First, let’s take a summary look of mtcars dataset:
summary(mtcars)
## mpg cyl disp hp
## Min. :10.40 Min. :4.000 Min. : 71.1 Min. : 52.0
## 1st Qu.:15.43 1st Qu.:4.000 1st Qu.:120.8 1st Qu.: 96.5
## Median :19.20 Median :6.000 Median :196.3 Median :123.0
## Mean :20.09 Mean :6.188 Mean :230.7 Mean :146.7
## 3rd Qu.:22.80 3rd Qu.:8.000 3rd Qu.:326.0 3rd Qu.:180.0
## Max. :33.90 Max. :8.000 Max. :472.0 Max. :335.0
## drat wt qsec vs
## Min. :2.760 Min. :1.513 Min. :14.50 Min. :0.0000
## 1st Qu.:3.080 1st Qu.:2.581 1st Qu.:16.89 1st Qu.:0.0000
## Median :3.695 Median :3.325 Median :17.71 Median :0.0000
## Mean :3.597 Mean :3.217 Mean :17.85 Mean :0.4375
## 3rd Qu.:3.920 3rd Qu.:3.610 3rd Qu.:18.90 3rd Qu.:1.0000
## Max. :4.930 Max. :5.424 Max. :22.90 Max. :1.0000
## am gear carb
## Min. :0.0000 Min. :3.000 Min. :1.000
## 1st Qu.:0.0000 1st Qu.:3.000 1st Qu.:2.000
## Median :0.0000 Median :4.000 Median :2.000
## Mean :0.4062 Mean :3.688 Mean :2.812
## 3rd Qu.:1.0000 3rd Qu.:4.000 3rd Qu.:4.000
## Max. :1.0000 Max. :5.000 Max. :8.000
attach(mtcars)
As we are interested in the 3 sets of relationships, we just do three summary tables as below:
t1<-table(vs,am)
t2<-table(gear,carb)
t3<-table(cyl,gear)
t1
## am
## vs 0 1
## 0 12 6
## 1 7 7
t2
## carb
## gear 1 2 3 4 6 8
## 3 3 4 3 5 0 0
## 4 4 4 0 4 0 0
## 5 0 2 0 1 1 1
t3
## gear
## cyl 3 4 5
## 4 1 8 2
## 6 2 4 1
## 8 12 0 2
Guessing from the above results, I think the first two relationship are not independent, while the 3rd one is independent.
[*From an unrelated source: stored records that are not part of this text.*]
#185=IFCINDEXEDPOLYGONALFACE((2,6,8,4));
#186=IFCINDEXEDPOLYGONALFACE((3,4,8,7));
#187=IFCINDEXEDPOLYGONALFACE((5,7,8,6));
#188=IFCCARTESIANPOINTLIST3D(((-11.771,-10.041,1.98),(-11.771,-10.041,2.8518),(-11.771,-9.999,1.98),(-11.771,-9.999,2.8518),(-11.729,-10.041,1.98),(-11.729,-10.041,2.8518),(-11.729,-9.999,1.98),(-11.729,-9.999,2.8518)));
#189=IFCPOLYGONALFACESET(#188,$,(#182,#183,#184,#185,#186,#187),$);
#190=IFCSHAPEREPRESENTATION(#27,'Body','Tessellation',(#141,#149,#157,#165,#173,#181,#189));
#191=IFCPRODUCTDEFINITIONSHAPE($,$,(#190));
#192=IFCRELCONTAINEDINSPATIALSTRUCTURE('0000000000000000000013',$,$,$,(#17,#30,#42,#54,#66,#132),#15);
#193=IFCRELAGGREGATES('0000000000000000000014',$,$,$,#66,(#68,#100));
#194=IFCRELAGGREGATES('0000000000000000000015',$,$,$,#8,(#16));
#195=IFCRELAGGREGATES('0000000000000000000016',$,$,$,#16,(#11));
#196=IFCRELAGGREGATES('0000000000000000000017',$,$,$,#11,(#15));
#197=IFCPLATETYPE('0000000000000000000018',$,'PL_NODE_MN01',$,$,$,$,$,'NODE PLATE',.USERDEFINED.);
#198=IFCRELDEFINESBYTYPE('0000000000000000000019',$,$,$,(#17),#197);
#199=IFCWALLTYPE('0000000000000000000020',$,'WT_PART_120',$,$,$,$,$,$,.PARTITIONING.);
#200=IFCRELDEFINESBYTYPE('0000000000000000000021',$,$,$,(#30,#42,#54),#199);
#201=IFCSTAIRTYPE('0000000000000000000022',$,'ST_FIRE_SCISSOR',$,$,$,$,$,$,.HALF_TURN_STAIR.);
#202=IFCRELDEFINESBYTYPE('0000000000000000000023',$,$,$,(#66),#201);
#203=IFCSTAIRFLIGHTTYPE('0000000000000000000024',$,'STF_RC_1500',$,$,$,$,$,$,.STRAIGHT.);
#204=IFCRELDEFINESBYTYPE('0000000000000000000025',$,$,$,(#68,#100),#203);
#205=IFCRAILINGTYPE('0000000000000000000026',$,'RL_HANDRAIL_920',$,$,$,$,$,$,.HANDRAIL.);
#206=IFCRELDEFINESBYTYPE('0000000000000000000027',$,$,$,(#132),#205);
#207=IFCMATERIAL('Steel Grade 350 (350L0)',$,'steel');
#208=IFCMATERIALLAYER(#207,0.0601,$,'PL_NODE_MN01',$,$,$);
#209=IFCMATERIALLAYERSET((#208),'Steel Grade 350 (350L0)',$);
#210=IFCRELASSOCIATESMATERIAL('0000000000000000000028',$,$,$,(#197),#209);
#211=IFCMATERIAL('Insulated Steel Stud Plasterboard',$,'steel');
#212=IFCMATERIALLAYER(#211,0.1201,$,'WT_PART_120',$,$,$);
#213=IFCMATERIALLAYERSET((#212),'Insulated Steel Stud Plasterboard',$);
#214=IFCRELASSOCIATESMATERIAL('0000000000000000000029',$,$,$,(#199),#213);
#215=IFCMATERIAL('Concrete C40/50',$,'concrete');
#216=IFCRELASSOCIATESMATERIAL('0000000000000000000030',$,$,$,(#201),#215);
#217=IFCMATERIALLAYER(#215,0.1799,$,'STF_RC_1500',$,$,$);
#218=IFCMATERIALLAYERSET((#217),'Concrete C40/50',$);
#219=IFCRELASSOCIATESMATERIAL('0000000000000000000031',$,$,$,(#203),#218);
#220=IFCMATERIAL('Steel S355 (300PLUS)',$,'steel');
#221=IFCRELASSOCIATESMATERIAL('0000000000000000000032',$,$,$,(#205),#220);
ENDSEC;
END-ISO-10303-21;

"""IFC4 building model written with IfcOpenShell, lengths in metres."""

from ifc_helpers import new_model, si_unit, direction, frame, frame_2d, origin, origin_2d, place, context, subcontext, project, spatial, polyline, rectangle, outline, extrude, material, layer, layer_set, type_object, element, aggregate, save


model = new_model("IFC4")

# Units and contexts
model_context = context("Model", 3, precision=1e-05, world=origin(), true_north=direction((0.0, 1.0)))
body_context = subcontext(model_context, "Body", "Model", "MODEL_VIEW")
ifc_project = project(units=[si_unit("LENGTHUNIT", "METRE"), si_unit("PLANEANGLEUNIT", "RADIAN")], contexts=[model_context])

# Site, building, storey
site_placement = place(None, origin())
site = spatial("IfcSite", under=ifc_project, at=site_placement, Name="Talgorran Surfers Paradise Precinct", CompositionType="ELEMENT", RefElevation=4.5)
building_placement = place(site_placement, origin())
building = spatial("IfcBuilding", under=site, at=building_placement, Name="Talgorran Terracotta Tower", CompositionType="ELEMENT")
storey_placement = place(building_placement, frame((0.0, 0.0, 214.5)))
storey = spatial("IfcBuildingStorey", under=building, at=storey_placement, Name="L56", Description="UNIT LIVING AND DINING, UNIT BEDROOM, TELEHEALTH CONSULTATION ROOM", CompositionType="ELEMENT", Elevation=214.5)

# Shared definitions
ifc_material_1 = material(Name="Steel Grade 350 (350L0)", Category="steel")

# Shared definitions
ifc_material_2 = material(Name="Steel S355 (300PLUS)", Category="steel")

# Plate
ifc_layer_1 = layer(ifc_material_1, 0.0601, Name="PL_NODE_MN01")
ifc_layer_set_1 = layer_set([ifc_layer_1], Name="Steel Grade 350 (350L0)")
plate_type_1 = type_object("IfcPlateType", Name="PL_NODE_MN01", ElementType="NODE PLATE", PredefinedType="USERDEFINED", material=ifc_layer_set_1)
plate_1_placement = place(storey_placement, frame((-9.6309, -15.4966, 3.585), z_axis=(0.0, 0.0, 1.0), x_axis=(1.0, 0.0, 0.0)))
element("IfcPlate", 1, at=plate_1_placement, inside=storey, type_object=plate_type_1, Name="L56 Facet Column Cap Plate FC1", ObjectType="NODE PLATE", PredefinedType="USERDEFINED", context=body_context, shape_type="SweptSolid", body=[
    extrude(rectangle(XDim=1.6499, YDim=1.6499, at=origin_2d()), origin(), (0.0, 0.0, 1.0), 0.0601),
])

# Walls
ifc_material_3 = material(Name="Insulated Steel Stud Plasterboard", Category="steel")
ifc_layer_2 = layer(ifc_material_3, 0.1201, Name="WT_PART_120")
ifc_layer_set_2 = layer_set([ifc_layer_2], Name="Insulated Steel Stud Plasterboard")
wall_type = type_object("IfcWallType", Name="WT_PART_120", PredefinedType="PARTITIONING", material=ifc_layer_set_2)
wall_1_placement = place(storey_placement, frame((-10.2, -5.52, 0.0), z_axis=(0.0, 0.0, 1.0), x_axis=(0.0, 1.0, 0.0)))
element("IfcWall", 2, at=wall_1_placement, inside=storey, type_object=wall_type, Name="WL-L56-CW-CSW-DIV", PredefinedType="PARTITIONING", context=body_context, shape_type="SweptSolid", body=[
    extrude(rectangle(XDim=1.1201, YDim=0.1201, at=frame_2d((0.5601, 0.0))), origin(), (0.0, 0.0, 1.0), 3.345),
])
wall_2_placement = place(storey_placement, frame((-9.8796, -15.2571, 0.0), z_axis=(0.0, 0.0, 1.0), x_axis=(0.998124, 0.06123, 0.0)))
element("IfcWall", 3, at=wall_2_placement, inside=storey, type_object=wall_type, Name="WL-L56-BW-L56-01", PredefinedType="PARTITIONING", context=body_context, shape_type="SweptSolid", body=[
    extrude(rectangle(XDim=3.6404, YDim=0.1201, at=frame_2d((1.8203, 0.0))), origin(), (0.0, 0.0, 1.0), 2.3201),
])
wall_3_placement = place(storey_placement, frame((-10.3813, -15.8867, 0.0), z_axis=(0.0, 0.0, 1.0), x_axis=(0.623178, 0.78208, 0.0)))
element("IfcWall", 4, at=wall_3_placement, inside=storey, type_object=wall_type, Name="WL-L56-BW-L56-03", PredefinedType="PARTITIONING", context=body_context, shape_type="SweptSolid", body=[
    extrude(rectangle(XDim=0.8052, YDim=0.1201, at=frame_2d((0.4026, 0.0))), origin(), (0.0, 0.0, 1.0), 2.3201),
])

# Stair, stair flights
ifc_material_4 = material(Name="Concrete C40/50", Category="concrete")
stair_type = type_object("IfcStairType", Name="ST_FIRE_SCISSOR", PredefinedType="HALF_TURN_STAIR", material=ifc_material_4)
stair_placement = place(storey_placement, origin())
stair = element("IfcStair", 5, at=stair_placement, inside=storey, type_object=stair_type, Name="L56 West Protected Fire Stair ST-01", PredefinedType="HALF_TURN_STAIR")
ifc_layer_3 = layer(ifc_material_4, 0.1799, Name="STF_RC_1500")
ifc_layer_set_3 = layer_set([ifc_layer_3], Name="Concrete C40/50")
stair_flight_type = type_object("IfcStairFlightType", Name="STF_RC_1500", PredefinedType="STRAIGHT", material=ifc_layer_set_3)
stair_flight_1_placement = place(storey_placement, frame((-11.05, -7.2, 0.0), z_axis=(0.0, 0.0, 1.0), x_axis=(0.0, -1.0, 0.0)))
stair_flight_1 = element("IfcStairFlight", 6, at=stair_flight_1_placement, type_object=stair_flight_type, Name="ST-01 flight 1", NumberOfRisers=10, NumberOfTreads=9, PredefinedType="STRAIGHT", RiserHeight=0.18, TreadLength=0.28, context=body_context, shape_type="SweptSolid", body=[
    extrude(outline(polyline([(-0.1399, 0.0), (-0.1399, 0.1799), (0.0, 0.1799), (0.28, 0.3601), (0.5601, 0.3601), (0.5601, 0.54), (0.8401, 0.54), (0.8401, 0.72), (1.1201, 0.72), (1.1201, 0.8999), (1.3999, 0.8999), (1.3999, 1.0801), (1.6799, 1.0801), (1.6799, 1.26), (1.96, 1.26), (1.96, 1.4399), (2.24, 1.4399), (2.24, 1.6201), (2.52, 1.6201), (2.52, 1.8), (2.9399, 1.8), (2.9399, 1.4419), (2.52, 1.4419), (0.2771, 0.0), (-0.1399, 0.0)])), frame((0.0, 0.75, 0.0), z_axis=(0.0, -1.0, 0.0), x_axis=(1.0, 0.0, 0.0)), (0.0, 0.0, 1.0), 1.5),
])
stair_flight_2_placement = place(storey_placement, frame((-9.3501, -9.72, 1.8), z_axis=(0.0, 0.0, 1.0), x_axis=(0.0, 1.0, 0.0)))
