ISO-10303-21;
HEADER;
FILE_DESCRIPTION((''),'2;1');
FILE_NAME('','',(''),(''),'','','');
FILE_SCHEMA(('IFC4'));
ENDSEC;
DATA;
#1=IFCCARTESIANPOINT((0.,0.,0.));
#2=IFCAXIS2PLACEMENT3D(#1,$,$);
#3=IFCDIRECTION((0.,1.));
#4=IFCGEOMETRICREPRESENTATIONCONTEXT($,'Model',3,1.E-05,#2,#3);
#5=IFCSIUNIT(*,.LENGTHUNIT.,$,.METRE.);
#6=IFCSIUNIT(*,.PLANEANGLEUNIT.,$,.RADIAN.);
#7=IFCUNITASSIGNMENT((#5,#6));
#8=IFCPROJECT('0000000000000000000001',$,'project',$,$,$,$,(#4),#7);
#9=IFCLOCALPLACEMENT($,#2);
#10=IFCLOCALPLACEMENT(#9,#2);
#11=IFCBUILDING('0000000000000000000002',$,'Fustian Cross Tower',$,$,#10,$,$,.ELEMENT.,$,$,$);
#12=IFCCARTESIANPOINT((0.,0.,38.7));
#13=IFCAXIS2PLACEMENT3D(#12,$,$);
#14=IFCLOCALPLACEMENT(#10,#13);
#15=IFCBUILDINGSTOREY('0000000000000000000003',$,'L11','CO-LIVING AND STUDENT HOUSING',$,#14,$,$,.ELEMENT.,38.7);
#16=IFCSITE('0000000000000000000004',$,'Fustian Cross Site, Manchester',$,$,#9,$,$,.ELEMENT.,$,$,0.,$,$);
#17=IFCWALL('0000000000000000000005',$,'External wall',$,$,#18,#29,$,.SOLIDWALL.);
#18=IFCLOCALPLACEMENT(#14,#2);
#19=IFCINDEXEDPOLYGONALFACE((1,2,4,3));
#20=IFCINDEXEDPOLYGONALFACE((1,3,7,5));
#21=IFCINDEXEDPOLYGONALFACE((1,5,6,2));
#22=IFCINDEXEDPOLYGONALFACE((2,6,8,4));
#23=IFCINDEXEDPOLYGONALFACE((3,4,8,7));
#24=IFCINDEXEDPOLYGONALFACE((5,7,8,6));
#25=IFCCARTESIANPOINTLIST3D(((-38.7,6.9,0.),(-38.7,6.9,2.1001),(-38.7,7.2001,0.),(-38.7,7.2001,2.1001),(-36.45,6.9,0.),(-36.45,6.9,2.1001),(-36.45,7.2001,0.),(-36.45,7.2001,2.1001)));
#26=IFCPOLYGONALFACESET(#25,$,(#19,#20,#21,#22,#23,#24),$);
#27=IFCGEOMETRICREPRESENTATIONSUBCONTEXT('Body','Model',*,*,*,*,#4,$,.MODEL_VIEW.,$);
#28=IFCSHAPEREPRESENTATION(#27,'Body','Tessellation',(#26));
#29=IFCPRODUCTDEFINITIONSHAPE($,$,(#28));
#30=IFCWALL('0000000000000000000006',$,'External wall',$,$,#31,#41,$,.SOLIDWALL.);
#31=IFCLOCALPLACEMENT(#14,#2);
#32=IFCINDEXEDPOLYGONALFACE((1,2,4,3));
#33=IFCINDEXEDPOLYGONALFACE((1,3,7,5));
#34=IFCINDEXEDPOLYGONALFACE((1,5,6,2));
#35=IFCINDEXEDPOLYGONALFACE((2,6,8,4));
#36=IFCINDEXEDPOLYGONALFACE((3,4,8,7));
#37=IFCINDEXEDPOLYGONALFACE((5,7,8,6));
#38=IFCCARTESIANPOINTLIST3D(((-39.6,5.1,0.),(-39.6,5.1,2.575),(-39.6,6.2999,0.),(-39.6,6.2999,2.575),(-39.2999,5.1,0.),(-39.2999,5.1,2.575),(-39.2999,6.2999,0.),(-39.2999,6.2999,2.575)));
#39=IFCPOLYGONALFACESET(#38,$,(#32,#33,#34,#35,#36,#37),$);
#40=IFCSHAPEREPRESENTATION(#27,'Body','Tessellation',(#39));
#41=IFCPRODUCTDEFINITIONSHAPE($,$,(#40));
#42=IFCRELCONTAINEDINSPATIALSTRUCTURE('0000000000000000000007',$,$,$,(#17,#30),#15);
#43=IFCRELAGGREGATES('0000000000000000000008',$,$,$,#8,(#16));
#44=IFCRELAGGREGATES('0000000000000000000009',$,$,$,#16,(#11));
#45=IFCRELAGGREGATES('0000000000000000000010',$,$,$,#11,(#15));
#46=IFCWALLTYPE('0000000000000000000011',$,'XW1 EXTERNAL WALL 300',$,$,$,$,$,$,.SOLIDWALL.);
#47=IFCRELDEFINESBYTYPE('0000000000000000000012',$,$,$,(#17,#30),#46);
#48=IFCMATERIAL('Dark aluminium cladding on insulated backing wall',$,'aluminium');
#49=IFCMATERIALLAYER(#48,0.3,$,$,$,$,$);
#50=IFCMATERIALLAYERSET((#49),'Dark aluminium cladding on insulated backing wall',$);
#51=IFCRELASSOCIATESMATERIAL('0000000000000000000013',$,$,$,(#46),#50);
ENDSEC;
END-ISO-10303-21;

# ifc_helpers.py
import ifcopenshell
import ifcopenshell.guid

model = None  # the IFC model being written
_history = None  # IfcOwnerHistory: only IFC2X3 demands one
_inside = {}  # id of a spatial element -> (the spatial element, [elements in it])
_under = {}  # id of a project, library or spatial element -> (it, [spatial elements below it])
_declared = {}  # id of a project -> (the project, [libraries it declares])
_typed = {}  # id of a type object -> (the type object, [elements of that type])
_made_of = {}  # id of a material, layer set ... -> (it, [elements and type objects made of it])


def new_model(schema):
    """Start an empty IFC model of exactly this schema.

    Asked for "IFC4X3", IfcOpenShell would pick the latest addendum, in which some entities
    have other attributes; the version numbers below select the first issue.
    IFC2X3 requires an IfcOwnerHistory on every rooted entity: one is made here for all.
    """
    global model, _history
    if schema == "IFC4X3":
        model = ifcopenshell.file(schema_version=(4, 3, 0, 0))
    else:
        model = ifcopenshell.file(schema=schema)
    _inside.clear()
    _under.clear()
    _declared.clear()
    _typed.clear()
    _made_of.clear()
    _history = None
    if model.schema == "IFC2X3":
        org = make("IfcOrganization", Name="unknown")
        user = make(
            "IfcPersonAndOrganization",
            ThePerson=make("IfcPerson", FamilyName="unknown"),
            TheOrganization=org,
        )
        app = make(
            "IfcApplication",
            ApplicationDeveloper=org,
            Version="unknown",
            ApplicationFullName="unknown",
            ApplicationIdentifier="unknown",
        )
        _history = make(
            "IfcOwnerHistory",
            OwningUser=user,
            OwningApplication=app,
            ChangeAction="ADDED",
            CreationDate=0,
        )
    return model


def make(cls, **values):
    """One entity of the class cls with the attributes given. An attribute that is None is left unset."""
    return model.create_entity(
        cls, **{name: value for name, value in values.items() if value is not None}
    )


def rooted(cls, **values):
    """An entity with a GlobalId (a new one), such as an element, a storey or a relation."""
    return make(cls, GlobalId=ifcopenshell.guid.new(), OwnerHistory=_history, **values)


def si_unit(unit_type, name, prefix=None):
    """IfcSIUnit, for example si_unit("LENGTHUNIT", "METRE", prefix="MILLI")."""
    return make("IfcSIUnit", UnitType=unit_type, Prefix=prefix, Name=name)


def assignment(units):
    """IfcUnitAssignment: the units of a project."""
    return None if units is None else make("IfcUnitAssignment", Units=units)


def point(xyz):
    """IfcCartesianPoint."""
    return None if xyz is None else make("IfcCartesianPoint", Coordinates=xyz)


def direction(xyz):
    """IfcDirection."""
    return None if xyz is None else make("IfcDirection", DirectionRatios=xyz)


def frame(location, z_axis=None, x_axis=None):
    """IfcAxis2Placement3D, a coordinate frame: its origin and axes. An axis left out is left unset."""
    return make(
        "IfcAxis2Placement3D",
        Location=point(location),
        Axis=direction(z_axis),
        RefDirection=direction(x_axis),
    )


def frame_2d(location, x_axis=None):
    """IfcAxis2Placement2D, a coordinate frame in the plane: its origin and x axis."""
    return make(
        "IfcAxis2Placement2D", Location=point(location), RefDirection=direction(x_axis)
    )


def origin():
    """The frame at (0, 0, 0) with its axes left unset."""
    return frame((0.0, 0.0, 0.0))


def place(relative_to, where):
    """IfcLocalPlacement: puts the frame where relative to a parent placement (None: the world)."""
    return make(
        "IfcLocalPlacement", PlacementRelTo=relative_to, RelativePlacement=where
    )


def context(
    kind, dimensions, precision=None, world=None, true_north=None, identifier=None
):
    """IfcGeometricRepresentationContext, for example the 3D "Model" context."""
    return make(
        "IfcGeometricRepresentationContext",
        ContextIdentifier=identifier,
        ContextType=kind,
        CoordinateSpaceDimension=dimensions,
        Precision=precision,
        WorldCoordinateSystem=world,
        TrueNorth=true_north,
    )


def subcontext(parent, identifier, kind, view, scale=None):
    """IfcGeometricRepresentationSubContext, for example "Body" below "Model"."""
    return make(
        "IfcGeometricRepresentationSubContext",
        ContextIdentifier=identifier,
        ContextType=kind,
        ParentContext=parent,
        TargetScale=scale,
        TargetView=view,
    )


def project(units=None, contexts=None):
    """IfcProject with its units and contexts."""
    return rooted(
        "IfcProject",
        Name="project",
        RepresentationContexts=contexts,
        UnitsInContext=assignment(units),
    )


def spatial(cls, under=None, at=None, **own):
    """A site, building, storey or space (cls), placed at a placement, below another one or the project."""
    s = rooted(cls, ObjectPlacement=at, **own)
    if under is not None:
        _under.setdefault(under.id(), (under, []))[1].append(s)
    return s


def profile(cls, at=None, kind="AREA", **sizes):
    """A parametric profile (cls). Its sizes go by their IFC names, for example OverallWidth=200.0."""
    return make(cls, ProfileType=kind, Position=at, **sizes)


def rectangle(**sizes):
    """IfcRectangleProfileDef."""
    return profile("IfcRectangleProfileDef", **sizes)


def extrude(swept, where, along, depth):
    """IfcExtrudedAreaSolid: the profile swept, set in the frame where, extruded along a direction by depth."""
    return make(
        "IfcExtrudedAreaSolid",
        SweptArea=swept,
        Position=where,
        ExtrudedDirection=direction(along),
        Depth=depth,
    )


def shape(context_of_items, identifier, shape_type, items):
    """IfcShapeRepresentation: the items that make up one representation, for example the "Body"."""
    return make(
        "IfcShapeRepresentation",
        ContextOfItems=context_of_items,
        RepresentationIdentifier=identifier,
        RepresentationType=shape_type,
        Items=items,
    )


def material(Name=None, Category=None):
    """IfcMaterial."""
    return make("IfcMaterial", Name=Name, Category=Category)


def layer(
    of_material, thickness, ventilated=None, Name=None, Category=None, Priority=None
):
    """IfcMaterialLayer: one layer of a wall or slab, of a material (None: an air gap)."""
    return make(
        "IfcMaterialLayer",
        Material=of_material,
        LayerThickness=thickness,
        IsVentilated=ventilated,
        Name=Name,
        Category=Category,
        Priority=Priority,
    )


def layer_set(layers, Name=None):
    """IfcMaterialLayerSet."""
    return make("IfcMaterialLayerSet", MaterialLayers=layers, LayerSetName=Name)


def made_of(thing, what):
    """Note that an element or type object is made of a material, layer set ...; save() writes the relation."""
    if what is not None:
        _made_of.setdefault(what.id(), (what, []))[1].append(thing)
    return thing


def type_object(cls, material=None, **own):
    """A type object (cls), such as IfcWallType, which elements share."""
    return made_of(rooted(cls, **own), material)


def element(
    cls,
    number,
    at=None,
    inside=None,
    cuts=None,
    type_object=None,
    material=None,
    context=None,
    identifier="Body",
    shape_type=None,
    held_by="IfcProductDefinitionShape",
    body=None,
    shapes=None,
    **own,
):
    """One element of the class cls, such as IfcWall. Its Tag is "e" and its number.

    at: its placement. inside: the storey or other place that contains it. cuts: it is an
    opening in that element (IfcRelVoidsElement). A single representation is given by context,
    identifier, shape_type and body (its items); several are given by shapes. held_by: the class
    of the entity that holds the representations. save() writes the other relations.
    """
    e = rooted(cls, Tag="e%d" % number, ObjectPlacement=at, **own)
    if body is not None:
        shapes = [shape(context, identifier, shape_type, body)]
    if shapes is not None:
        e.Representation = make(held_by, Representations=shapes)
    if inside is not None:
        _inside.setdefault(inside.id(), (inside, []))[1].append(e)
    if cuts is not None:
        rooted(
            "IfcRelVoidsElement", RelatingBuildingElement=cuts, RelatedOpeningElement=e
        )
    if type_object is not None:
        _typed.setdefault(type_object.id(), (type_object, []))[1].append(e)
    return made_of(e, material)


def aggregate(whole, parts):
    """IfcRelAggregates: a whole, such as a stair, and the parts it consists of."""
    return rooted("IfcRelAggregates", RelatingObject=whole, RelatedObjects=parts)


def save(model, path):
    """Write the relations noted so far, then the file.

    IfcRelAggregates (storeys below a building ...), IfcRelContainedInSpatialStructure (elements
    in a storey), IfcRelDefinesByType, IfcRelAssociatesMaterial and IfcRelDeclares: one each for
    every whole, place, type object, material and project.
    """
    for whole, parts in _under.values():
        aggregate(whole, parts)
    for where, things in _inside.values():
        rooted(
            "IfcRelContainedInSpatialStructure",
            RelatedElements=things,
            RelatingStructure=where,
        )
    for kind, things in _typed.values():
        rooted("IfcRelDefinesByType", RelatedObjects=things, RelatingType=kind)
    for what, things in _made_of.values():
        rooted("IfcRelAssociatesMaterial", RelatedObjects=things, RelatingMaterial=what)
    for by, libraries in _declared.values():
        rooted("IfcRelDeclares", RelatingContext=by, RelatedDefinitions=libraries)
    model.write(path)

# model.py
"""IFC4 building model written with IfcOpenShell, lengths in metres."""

from ifc_helpers import new_model, si_unit, direction, frame, frame_2d, origin, place, context, subcontext, project, spatial, rectangle, extrude, material, layer, layer_set, type_object, element, save


model = new_model("IFC4")

# Units and contexts
model_context = context("Model", 3, precision=1e-05, world=origin(), true_north=direction((0.0, 1.0)))
body_context = subcontext(model_context, "Body", "Model", "MODEL_VIEW")
ifc_project = project(units=[si_unit("LENGTHUNIT", "METRE"), si_unit("PLANEANGLEUNIT", "RADIAN")], contexts=[model_context])

# Site, building, storey
site_placement = place(None, origin())
site = spatial("IfcSite", under=ifc_project, at=site_placement, Name="Fustian Cross Site, Manchester", CompositionType="ELEMENT", RefElevation=0.0)
building_placement = place(site_placement, origin())
building = spatial("IfcBuilding", under=site, at=building_placement, Name="Fustian Cross Tower", CompositionType="ELEMENT")
storey_placement = place(building_placement, frame((0.0, 0.0, 38.7)))
storey = spatial("IfcBuildingStorey", under=building, at=storey_placement, Name="L11", Description="CO-LIVING AND STUDENT HOUSING", CompositionType="ELEMENT", Elevation=38.7)

# Shared definitions
ifc_material_1 = material(Name="Dark aluminium cladding on insulated backing wall", Category="aluminium")
ifc_layer = layer(ifc_material_1, 0.3)
ifc_layer_set = layer_set([ifc_layer], Name="Dark aluminium cladding on insulated backing wall")
wall_type = type_object("IfcWallType", Name="XW1 EXTERNAL WALL 300", PredefinedType="SOLIDWALL", material=ifc_layer_set)

# Walls
wall_1_placement = place(storey_placement, frame((-36.45, 7.05, 0.0), z_axis=(0.0, 0.0, 1.0), x_axis=(-1.0, 0.0, 0.0)))
element("IfcWall", 1, at=wall_1_placement, inside=storey, type_object=wall_type, Name="External wall", PredefinedType="SOLIDWALL", context=body_context, shape_type="SweptSolid", body=[
    extrude(rectangle(XDim=2.25, YDim=0.3, at=frame_2d((1.125, 0.0))), origin(), (0.0, 0.0, 1.0), 2.1001),
])
wall_2_placement = place(storey_placement, frame((-39.45, 6.3, 0.0), z_axis=(0.0, 0.0, 1.0), x_axis=(0.0, -1.0, 0.0)))
element("IfcWall", 2, at=wall_2_placement, inside=storey, type_object=wall_type, Name="External wall", PredefinedType="SOLIDWALL", context=body_context, shape_type="SweptSolid", body=[
    extrude(rectangle(XDim=1.2, YDim=0.3, at=frame_2d((0.6001, 0.0))), origin(), (0.0, 0.0, 1.0), 2.575),
])

save(model, "model.ifc")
Let’s prove it by apply chisq test:
chisq.test(t1)
##
## Pearson's Chi-squared test with Yates' continuity correction
##
## data: t1
## X-squared = 0.34754, df = 1, p-value = 0.5555
chisq.test(t2)
##
## Pearson's Chi-squared test
##
## data: t2
## X-squared = 16.518, df = 10, p-value = 0.08573
chisq.test(t3)
##
## Pearson's Chi-squared test
##
## data: t3
## X-squared = 18.036, df = 4, p-value = 0.001214
The 3rd relationship is significant at about 99% significance level, while the first 2 are not significant at all.